Siendo muy niño apareció en mi vida un tío «postizo» que luego se convirtió en un famoso y popular cantante de boleros. Ese personaje era Ñico Membiela.
Al decir del desaparecido musicólogo Helio Orovio, Membiela nunca fue el mejor bolerista de su tiempo, pero sí el más popular, porque no había victrola en bares y otros lugares que no recogiera sus números conocidísimos en la época.
Ñico fue una especie de tío para mí. Según cuenta la historia familiar él y papá se encontraron una tarde en uno de los muchos bares del puerto de Caibarién, y a partir de ahí se hicieron hermanos.
Ñico era de Zulueta, un poblado que es hoy la «capital del fútbol cubano», nunca he sabido por qué. Zulueta está situado entre Remedios y Placetas.
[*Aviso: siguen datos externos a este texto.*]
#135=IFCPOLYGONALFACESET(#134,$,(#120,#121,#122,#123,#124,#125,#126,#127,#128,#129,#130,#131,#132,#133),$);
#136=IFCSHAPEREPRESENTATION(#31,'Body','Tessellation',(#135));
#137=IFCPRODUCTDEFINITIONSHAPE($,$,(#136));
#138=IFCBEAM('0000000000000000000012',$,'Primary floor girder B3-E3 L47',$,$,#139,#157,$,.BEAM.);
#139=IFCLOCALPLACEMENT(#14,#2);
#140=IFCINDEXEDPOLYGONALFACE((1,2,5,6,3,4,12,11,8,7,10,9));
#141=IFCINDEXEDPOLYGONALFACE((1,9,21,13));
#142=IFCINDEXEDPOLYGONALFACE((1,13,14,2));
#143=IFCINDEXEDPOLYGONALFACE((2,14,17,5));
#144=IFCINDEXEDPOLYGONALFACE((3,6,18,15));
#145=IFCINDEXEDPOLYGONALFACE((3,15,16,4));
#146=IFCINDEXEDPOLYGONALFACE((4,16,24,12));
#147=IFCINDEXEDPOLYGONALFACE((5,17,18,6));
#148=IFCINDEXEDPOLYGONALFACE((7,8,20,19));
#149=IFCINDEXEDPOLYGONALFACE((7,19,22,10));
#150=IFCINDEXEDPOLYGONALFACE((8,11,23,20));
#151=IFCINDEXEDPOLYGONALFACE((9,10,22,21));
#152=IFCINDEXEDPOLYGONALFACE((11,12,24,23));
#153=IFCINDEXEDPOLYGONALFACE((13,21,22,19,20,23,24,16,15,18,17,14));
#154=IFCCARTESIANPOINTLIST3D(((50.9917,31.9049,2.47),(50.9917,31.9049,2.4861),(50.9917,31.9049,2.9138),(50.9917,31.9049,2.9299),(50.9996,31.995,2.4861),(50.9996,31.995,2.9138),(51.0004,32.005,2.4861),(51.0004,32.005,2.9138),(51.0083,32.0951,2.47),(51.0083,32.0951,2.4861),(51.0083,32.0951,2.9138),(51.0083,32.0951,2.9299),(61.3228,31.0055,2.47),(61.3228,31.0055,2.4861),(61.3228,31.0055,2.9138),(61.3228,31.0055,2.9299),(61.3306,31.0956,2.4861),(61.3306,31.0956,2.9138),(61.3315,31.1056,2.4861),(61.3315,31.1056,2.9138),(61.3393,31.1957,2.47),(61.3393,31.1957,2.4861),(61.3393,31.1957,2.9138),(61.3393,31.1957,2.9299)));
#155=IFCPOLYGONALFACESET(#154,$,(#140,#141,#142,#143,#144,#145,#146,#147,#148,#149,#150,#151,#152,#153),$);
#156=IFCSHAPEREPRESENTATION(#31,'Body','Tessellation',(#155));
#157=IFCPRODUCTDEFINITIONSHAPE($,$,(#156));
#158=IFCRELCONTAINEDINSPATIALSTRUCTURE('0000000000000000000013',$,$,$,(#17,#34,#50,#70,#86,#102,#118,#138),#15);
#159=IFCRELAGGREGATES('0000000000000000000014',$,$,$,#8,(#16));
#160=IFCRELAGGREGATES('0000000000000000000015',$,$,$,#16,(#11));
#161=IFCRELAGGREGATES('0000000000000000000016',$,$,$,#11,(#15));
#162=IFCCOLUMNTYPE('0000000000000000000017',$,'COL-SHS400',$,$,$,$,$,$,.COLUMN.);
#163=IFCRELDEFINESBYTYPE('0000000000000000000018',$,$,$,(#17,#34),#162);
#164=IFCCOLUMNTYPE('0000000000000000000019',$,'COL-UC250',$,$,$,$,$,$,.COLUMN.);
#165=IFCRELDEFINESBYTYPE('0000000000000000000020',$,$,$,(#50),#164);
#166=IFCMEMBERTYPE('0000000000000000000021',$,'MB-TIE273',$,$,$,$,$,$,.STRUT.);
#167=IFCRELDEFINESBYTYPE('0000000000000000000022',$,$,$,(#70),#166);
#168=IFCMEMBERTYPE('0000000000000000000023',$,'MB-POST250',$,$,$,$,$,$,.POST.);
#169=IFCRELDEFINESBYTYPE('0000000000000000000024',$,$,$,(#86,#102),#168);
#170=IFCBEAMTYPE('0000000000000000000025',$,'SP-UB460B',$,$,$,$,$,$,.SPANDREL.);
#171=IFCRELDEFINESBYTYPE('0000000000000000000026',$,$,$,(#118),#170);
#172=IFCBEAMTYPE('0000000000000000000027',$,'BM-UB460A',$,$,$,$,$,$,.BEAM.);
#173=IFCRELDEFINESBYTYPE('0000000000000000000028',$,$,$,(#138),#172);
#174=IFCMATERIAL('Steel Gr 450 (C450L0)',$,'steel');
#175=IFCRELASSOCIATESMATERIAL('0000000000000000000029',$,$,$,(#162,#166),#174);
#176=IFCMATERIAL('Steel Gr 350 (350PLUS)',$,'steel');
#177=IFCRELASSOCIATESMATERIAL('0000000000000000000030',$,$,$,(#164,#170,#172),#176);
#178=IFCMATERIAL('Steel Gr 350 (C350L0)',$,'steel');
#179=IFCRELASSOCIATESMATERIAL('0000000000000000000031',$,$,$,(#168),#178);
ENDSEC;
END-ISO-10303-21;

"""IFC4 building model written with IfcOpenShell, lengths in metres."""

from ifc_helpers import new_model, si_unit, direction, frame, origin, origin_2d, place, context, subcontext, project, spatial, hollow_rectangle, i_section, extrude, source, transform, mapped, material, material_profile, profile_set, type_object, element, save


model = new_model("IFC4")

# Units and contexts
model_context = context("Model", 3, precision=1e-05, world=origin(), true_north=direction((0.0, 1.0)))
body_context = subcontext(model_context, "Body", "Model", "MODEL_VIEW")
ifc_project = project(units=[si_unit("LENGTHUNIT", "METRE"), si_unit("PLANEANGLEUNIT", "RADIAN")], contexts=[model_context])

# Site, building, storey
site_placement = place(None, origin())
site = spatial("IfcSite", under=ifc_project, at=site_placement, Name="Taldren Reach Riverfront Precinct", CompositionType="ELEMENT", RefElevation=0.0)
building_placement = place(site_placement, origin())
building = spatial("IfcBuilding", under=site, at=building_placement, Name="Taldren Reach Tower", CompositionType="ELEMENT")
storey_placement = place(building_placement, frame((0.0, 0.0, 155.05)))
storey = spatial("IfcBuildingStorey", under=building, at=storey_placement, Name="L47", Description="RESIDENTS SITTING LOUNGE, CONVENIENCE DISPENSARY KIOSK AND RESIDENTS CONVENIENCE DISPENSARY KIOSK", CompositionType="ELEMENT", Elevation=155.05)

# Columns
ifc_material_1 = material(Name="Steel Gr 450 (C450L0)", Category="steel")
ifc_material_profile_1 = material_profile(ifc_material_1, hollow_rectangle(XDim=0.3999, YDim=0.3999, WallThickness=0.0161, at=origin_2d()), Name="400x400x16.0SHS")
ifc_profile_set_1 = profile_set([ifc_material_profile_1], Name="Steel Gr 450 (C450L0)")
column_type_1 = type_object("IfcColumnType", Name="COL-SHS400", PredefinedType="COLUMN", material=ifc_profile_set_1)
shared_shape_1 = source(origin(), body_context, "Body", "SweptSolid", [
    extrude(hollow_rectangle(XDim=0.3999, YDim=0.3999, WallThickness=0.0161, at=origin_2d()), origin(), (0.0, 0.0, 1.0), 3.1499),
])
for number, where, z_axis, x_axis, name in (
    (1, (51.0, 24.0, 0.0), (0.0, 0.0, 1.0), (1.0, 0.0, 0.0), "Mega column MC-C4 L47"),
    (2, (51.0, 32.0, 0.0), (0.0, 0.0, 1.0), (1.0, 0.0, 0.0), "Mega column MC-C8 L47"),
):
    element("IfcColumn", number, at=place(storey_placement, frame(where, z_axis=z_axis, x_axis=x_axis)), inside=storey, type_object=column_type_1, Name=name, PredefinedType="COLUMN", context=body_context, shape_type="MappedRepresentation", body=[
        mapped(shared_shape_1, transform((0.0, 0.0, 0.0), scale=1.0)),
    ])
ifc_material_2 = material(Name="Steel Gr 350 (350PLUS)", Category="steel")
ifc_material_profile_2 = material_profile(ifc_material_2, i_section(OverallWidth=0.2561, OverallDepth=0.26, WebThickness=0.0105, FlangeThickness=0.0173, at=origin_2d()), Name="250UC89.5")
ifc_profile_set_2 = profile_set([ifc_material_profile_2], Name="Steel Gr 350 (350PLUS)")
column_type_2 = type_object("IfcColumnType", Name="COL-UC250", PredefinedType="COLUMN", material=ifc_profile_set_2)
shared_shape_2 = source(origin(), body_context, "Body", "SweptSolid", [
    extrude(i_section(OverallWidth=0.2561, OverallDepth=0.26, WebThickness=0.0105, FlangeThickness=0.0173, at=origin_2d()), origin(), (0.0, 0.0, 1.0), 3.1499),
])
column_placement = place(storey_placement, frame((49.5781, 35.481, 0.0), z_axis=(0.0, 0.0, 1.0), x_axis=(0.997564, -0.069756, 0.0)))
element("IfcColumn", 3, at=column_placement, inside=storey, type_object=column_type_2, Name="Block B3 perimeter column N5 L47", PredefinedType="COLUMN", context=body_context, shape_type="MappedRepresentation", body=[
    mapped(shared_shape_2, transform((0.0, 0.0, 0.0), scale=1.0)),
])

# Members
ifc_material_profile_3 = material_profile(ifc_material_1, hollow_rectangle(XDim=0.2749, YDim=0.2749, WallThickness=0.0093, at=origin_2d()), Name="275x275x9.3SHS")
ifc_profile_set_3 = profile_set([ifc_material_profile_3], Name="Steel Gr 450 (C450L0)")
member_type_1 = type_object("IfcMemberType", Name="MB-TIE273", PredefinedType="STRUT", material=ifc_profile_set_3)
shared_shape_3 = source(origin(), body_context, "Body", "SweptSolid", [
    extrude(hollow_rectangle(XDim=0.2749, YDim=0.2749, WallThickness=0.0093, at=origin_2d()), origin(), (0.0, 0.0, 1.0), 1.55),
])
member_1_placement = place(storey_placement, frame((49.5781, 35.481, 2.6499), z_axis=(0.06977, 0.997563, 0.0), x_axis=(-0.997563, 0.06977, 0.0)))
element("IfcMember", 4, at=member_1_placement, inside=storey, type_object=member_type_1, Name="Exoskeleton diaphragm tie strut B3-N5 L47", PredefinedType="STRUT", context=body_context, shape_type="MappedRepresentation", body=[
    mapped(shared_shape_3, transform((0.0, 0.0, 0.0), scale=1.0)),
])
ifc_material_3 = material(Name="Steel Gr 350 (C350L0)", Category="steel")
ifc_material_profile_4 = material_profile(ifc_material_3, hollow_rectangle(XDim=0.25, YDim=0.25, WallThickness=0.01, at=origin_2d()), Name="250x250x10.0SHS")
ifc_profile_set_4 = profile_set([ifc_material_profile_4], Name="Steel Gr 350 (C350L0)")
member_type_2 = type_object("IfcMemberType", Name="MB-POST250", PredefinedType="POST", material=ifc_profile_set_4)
De quedarse en su pequeño pueblo, el entonces trovador guitarra en mano no hubiera «buscado ni para el chicle» como antes decían los muchachos, y por eso emigró para Caibarién, que en esa época era un puerto próspero donde entraban barcos de todas las latitudes del mundo, había más bares que Iglesias, y el prostíbulo era más grande y populoso que los de muchos poblados aledaños. Allí fue el encuentro.
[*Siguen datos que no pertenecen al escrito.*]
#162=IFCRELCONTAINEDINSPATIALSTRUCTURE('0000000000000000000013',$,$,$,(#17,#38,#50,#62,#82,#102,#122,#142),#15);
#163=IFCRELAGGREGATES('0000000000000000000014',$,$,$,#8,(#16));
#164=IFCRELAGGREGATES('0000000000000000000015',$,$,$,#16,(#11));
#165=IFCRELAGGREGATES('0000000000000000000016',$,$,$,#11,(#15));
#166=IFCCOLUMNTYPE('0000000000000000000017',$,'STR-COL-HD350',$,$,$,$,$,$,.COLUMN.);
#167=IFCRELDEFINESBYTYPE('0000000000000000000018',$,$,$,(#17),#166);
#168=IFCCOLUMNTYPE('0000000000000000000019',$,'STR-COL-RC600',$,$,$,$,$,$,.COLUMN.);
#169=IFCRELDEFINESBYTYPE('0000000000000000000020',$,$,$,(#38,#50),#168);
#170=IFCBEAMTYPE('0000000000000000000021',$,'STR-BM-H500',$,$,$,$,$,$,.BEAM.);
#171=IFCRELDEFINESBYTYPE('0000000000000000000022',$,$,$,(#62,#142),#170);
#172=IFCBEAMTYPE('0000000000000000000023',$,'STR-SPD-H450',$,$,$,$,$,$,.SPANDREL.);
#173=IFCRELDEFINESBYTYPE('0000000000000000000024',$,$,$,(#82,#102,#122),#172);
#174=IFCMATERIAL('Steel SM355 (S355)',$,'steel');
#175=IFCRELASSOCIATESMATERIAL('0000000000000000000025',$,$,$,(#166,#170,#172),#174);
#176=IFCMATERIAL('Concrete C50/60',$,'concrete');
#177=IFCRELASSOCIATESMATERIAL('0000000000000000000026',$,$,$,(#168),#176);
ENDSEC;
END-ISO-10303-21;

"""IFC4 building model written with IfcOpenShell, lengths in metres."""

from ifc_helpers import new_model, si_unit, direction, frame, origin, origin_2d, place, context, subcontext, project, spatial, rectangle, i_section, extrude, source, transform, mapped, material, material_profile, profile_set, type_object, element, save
Cuando aquello papá tenía una fonda, realmente una fondita, pero daba para vivir y darse algunos gustos menores y en ella, al abrigo de su nuevo amigo, el trovador encontró alimentación con respeto y amistad con cariño.
Tan profunda fue esa amistad, que cuando Ñico decidió casarse con la modelo de la Televisión de entonces llamada Perla Marina, fue a pasar la Luna de Miel en mi casa en Caibarién, y nosotros nos mudamos por una semana para la casa de los abuelos.
Al llegarle la fama no olvidó a papá, al punto de que en cierta ocasión en que me trajeron a La Habana a verme con un logopeda —porque era gago y no se me entendía una palabra―, Membiela se enteró de que estábamos hospedados en el Hotel Plaza, que era muy caro para nosotros cuatro (mi hermano estaba incluido en la expedición), vino a buscarnos y nos llevó a vivir a su casa, donde residía con sus padres, en el Reparto Capdevilla, frente a la fábrica de pinturas Sherwin Williams.
Un largo mes estuve en La Habana al amparo de Ñico Membiela, por supuesto que junto a mi familia. Con él y papá fui al Ali Bar y vi un show que me impactó para toda la vida. Comí en la olvidada Casa de los Vinos, en el Puerto de Sagua una excelente langosta, en la Zaragozana la comida española que le gustaba a Ñico acompañada de vino tinto Rioja Hélice.
Nunca fui a la Bodeguita ni al Floridita, no sé por qué, pero tampoco nunca olvidaré que yo, un niño guajirito del barrio de Puerto Arturo, anduviera toda La Habana en el Cadillac negro «cola de pato» o en el Dodge color fucsia que arrebataba a lo que hoy llamaríamos las fans de Ñico. Nunca olvidaré que me llevaron al Malecón a ver que en una patana flotante convertida en restaurant, y que vendía platos de pescados y mariscos, estaba el nombre de mi abuelo en letras lumínicas diciendo que era el creador del pescado en salsa de perro, plato hoy típico de la gastronomía local de Caibarién.
Luego Ñico, siguiéndole los pasos a Alipio, el dueño del Ali Bar se fue para Miami. Desde allá intentó que papá junto a nosotros fuera a hacerle compañía. Hasta un restaurant le montó para que lo administrara, pero irnos no estaba en los planes de mi familia. Un día, pasado el tiempo, me enteré que Ñico había muerto casi olvidado por todos en una casa para ancianos.
Hoy tengo un disco de las canciones de Membiela, y cuando las tardes están grises y la tristeza quiere hacer a sus anchas con los recuerdos, lo pongo a cantar, y es como si volvieran aquellos tiempos, que para mí siempre serán de un increíble deslumbramiento.